Précisions sur le labyrinthe de l’AMM

Balado Le labyrinthe de Lyme :
précisions sur le labyrinthe de l’AMM

Lancée le 21 mai dernier sur Radio-Canada OHdio, la 4e saison de la série balado Dérives fait beaucoup jaser. Extrait du communiqué de lancement :

Pourquoi la maladie de Lyme est un sujet polarisant qui suscite la controverse? Avec cette nouvelle saison du balado Dérives intitulée Le labyrinthe de LymeOlivier Bernard, pharmacien et vulgarisateur scientifique, fait la lumière sur les croyances autour de cette maladie et remet en perspective ses doutes et certitudes.

Toute cette saison mérite votre attention (un travail important d’Olivier Bernard et de son équipe), mais nous tenons à réagir à certains des propos exprimés lors de l’épisode 6B, dont voici la description :

6B – Le labyrinthe de Lyme : vortex, 2e partie

En 2024, un premier cas d’aide médicale à mourir (AMM) pour une personne se disant atteinte de la forme chronique de la maladie de Lyme est rapporté dans les médias. Avec le Dr Georges L’Espérance, président de l’Association québécoise pour le droit de mourir dans la dignité, Olivier Bernard s’interroge à propos des critères d’admissibilité à l’AMM. Olivier s’attarde aussi à la façon dont les décès par suicide en lien avec la maladie de Lyme sont rapportés dans les médias, et sur la manière dont ils sont racontés par la communauté de Lyme chronique.

Note importante : comme ce balado est le fruit de montages d’entrevues et de segments, nous ne prétendons pas que les propos mentionnés expriment de façon complète la pensée de leurs auteurs. Notre objectif est de clarifier les propos contenus dans le montage final du balado.

Voici trois extraits transcrits, avec nos commentaires :

SEGMENT 1 À 9:59

Dr George L’Espérance : Les personnes qui sont en fin de vie et qui ne peuvent obtenir une aide quelconque pour mettre fin à leurs souffrances, qu’est-ce qu’il leur reste comme choix ? Le suicide, et le suicide dans des conditions la plupart du temps extrêmement déplorables.

Olivier Bernard : Une des choses qui a fait avancer l’aide médicale à mourir, c’est pour prévenir des suicides dans un sens, ou des morts violentes, en fait.
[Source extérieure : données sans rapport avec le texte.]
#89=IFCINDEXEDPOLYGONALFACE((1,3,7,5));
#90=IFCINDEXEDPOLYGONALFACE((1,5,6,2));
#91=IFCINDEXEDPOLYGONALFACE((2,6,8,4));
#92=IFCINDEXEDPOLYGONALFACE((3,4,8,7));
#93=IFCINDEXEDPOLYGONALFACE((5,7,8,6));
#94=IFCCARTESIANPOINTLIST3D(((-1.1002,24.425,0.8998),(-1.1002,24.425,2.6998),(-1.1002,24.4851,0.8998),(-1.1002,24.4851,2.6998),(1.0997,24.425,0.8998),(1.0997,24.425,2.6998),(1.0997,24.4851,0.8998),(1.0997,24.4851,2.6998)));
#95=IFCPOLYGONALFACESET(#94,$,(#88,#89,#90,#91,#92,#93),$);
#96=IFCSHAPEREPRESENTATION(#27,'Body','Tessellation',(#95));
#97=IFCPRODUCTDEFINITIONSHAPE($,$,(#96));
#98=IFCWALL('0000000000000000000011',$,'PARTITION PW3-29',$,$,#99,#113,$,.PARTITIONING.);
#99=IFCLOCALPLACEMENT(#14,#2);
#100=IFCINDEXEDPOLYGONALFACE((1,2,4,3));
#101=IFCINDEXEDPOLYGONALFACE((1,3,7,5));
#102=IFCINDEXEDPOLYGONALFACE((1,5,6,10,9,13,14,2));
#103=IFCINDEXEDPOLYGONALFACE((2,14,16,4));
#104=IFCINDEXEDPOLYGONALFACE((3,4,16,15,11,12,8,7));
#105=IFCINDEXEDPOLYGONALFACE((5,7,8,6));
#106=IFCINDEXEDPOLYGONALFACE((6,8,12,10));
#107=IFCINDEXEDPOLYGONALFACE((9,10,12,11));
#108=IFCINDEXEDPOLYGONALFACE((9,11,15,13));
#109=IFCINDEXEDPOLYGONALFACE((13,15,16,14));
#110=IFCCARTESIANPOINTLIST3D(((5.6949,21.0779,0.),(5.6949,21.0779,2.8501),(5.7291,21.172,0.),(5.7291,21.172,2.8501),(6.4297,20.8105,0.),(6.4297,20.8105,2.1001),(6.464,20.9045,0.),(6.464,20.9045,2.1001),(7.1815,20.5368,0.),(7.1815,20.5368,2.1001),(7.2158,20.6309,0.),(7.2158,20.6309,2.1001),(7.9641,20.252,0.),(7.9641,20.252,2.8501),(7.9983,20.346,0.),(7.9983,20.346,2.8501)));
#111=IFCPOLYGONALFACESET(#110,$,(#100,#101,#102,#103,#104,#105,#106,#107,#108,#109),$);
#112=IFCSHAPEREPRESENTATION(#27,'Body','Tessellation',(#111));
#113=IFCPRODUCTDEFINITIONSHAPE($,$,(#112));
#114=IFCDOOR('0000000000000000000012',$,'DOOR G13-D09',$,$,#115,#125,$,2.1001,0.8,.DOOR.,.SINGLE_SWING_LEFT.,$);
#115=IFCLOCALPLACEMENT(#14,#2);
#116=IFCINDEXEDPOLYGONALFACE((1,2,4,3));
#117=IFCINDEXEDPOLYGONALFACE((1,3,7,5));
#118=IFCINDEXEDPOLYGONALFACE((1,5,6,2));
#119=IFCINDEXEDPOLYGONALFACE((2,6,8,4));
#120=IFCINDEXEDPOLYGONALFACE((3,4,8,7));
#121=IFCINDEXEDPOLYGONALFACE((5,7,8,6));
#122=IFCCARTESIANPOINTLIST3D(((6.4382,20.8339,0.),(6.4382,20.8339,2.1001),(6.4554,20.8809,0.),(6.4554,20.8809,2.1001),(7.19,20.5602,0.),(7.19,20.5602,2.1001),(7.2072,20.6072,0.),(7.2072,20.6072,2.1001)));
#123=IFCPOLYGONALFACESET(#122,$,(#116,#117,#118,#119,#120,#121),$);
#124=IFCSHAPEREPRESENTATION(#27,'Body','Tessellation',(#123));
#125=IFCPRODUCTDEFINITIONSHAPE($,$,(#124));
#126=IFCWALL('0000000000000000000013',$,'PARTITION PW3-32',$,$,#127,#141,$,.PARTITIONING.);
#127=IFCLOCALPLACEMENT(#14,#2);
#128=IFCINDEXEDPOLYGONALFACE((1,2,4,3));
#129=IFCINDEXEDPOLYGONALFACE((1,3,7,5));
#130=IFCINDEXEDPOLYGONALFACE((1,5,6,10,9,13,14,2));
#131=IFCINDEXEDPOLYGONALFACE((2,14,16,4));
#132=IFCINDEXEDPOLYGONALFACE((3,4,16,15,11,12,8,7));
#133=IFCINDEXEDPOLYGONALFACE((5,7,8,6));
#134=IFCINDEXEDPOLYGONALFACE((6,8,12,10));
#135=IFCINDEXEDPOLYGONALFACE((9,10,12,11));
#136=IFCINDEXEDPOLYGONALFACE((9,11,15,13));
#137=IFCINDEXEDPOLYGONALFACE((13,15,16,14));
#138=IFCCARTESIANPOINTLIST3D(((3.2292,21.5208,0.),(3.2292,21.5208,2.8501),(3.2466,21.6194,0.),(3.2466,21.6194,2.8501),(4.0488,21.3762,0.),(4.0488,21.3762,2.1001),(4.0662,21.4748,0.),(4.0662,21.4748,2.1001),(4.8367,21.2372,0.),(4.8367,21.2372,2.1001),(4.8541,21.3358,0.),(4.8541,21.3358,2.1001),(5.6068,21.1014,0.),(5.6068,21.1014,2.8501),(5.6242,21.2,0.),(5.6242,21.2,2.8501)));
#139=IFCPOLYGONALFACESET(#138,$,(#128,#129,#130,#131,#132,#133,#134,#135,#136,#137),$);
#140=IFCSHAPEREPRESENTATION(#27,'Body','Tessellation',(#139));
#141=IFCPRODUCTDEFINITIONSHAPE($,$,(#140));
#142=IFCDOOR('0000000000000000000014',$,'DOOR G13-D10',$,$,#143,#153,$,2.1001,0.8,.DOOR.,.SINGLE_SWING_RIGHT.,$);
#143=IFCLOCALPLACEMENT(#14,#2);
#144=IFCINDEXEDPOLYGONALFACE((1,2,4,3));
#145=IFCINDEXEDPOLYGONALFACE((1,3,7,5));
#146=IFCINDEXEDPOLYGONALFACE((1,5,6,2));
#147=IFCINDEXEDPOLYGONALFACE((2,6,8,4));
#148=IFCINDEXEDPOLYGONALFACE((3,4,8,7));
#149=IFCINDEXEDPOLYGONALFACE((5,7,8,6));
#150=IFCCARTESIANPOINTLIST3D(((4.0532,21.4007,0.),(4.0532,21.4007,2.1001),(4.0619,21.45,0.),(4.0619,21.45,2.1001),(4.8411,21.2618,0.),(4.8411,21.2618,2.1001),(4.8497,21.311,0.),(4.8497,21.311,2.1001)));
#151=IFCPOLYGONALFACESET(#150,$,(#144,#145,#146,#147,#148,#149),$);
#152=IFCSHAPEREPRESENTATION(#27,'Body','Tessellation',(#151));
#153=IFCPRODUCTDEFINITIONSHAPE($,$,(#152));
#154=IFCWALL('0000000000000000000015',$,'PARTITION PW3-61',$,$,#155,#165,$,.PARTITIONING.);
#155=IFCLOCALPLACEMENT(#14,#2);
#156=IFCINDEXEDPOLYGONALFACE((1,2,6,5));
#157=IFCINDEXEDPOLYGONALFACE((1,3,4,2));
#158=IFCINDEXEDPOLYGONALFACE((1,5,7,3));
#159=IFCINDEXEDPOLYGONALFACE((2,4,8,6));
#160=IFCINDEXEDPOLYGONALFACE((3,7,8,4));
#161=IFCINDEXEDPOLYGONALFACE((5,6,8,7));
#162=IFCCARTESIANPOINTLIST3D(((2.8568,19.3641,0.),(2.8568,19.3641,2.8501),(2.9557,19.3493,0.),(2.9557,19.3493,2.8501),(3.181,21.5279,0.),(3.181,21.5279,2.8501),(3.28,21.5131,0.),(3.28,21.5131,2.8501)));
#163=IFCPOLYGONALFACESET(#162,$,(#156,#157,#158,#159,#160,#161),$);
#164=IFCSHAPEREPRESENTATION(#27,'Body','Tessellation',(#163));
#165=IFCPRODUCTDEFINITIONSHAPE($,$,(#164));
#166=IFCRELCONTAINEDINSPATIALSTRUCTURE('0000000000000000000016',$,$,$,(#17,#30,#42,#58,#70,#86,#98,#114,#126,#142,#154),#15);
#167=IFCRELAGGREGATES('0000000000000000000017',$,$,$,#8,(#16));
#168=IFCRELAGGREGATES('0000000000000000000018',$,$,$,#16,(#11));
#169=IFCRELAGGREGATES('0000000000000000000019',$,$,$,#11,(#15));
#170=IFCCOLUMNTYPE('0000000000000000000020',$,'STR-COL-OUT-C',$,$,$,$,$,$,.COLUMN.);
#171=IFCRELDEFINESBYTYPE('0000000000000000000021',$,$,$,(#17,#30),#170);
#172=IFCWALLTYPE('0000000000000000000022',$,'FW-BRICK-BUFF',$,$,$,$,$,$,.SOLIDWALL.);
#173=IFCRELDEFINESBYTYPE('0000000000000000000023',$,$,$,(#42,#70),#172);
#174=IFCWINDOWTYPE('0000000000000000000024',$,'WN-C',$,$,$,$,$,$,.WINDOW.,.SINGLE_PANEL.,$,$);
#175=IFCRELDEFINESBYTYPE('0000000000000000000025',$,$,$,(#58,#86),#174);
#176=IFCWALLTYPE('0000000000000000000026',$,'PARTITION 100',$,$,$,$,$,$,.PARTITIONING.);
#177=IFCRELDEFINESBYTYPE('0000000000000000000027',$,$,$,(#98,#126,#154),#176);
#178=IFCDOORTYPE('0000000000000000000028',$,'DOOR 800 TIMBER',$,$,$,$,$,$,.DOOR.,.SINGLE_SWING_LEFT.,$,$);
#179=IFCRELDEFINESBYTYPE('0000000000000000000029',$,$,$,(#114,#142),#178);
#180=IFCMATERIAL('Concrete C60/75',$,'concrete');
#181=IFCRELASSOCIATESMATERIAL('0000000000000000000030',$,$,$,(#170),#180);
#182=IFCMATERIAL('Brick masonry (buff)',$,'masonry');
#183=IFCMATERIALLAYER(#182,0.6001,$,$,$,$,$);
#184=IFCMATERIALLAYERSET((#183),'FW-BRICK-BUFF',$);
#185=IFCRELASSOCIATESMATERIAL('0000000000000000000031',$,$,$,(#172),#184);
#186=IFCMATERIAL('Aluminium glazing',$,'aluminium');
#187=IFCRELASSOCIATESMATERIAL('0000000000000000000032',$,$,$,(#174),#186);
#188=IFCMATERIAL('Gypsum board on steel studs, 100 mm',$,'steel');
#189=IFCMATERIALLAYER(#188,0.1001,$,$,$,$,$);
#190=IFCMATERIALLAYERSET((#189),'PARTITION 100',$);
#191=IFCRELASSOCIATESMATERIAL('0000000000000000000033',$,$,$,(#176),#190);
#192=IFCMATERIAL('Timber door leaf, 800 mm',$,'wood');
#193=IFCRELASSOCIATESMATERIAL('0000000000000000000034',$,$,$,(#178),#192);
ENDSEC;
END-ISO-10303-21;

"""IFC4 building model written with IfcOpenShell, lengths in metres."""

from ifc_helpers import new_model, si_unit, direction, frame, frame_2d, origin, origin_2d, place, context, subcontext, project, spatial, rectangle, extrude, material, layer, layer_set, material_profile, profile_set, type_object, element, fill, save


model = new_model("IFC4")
Georges L’Espérance : Tout à fait exactement.

REMARQUES :
a) « Qu’est-ce qu’il leur reste comme choix ? Le suicide. ». Cet extrait du balado peut laisser penser que le suicide est une option dans ces circonstances. Soulignons que de nombreuses personnes se voient refuser chaque année l’AMM; la Commission sur les soins de fin vie ne tient pas de statistiques sur les évaluations menant à un refus, mais selon le dernier rapport annuel, en page 20 : 579 personnes n’ont pas reçu l’AMM en 2023-2024, car elles ne répondaient pas ou plus aux critères d’admissibilité. Il est important de rappeler haut et fort que le suicide ne devrait jamais être considéré comme une option et que tous les efforts doivent être déployés pour soulager la souffrance, que ce soit par des soins palliatifs ou d’autres mesures de soutien. Nous soulignons que l’équipe du balado a très bien mis en évidence les ressources de prévention au suicide.

b) Quant à l’argument voulant que l’AMM permet d’éviter des morts violentes par suicide, aucune recherche scientifique ne vient confirmer cette hypothèse. Comme au Canada, les juridictions qui ont ouvert la porte à une forme de mort assistée n’ont pas constaté de baisse des taux de suicide. Ajoutons ces mots de la Dre Ramona Coelho, l’une des auteurs du livre Unravelling MAiD in Canada (Démêler l’AMM au Canada), publié en avril aux éditions McGill-Queen’s University Press (notre traduction) :

La littérature sur la prévention du suicide montre systématiquement que l’exposition à des messages suicidaires et l’accès facile à des moyens létaux augmentent le risque de suicide. Pourtant, l’aide médicale à mourir est présentée comme une option compatissante, laissant entendre que la mort est une solution à la souffrance, et les moyens létaux sont facilement fournis (BJM Supportive & Palliative Care, décembre 2024).


SEGMENT 2 À 10 :29

Olivier Bernard : En résumé, en 2014, une première loi sur les soins de fin de vie a été adoptée au Québec. Ça permettait à une personne d’obtenir l’aide médicale à mourir si elle était justement en fin de vie, par exemple à cause d’un cancer généralisé. Mais en 2015 une décision de la Cour suprême du Canada a permis d’élargir ces critères-là en éliminant celui de fin de vie. Ce qui nous amène aux critères actuels au moment où je travaille sur le balado, à l’automne 2024.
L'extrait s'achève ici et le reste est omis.